Supervisors can pull strings for one time only. They put a note on your file or should I say dossier. I'm sure they have a dossier on Flushy about three inches thick by now.

Anyway, we paid for one-way return tickets. And they were more than we wanted but what the hell, we have free gambling money in Vegas!
One of the Left-B-Hind inmates. I think she and Chippy are plotting an escape.
This morning, got up on time (!), got Chippy to the Left-B-Hind Kennels and Doggie Bingo Ranch, and got some quick instruction from Jimmy Poon on the C.O.C. system. I was able to log in from home and shout at Kenny Blankenship from the computer. Maybe tech stuff is useful after all.

Headed out to the airport and our flight out of Flusherville Regional Aerodrome actually left on time!

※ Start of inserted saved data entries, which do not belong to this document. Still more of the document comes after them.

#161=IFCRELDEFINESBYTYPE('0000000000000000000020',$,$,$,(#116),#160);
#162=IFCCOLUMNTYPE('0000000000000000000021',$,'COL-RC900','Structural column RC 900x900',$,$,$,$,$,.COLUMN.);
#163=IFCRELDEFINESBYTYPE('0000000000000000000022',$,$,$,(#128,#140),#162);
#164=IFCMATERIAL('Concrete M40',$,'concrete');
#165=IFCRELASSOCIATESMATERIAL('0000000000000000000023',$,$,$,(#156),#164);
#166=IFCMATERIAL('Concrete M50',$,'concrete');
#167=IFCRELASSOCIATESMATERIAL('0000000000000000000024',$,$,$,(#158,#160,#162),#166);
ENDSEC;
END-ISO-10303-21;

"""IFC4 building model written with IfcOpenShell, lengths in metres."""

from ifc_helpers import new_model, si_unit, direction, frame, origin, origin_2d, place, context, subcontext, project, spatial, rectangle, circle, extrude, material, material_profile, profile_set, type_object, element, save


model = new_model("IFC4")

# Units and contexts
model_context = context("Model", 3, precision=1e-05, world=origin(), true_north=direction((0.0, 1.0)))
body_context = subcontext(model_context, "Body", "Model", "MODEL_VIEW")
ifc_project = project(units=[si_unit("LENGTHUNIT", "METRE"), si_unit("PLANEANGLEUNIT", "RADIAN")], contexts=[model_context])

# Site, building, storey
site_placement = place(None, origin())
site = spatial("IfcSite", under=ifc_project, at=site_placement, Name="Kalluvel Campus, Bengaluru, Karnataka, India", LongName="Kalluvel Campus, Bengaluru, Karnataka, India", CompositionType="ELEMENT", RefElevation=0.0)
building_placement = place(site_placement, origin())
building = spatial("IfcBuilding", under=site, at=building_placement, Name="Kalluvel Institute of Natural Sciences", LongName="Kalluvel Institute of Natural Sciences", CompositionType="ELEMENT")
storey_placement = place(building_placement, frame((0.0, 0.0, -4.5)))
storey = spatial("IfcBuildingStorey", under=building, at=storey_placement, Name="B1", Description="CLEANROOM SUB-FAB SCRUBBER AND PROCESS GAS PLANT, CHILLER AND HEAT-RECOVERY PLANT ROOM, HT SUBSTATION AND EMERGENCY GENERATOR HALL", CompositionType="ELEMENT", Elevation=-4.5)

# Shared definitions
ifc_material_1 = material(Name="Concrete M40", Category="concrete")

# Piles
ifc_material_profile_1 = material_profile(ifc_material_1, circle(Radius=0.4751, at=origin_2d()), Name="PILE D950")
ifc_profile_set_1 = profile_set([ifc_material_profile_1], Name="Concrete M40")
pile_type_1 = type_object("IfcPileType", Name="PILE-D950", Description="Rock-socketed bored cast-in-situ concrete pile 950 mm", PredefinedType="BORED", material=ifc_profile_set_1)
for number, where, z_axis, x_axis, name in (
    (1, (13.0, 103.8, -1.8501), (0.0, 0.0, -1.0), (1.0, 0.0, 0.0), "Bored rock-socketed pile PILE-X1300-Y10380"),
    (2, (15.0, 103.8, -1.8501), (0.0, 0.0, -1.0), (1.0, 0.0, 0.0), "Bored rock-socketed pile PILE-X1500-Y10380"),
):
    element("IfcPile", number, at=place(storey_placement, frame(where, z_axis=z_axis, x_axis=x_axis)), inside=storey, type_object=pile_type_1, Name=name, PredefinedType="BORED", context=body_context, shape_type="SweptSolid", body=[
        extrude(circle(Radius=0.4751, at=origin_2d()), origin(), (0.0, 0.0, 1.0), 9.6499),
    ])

Man did we hit some turbulence in the clouds coming down though. One really big jolt in particular lifted me out of my seat and elicited a scream of holy terror from a woman one over and one back (thankfully not the Quad Queen).

Meat. Because flying.

We may have over-packed.
How many Starbucks peeps does it take to make a short flat white for Flushy the P? They were fun, they got a big kick out of when I told them it was possible to make an airport meal out of honey packets.

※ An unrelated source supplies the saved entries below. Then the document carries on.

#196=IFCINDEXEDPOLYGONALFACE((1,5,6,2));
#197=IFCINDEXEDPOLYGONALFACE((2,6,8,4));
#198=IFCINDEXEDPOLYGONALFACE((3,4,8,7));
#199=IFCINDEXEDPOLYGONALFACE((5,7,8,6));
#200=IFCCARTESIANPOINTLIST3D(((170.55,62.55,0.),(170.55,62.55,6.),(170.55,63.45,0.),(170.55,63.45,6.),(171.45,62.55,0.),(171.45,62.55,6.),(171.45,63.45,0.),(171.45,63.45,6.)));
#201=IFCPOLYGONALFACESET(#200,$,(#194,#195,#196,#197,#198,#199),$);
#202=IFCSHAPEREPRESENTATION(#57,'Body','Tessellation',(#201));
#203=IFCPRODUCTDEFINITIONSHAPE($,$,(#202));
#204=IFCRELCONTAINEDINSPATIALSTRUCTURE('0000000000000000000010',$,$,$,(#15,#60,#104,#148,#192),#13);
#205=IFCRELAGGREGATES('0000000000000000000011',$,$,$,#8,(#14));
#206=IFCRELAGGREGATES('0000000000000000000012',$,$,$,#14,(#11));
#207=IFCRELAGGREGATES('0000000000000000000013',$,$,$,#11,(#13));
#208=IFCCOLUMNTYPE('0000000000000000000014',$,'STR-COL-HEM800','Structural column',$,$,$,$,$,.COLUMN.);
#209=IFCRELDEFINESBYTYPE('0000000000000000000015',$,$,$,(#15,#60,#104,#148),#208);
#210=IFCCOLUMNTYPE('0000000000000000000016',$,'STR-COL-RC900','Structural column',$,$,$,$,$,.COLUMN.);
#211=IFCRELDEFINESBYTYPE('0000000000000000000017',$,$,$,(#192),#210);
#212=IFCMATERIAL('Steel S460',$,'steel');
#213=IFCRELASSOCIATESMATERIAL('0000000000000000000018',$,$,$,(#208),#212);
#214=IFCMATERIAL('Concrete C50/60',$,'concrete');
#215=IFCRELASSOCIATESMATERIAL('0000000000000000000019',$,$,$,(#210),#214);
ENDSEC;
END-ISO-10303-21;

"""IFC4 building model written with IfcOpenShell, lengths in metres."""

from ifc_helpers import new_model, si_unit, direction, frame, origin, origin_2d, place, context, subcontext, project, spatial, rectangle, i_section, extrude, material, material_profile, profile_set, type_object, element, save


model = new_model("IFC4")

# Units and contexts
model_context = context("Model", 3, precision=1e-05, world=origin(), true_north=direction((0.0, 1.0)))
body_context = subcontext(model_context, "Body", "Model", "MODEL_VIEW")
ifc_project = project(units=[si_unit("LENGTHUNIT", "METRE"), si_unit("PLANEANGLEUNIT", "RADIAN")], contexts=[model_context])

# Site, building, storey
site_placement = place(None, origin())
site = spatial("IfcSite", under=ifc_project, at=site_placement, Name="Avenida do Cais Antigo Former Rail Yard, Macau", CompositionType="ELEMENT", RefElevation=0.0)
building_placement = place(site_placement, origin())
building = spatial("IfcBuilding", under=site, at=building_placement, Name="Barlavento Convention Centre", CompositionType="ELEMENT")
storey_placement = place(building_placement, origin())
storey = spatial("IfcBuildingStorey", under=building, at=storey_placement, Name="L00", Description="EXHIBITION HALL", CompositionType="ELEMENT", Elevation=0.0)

Half of these are stowed safely in my carry on.
So now we are whiling away the hours at Pearson, waiting for Rouge 1853 to wing us to the holy land, Las Vegas.


    1. That is some bullshit layover. You should get at least one full day in Vegas for every hour of your travel time.

    2. I am looking forward to this frugal trip- savvy approach on the free play Sir- well done.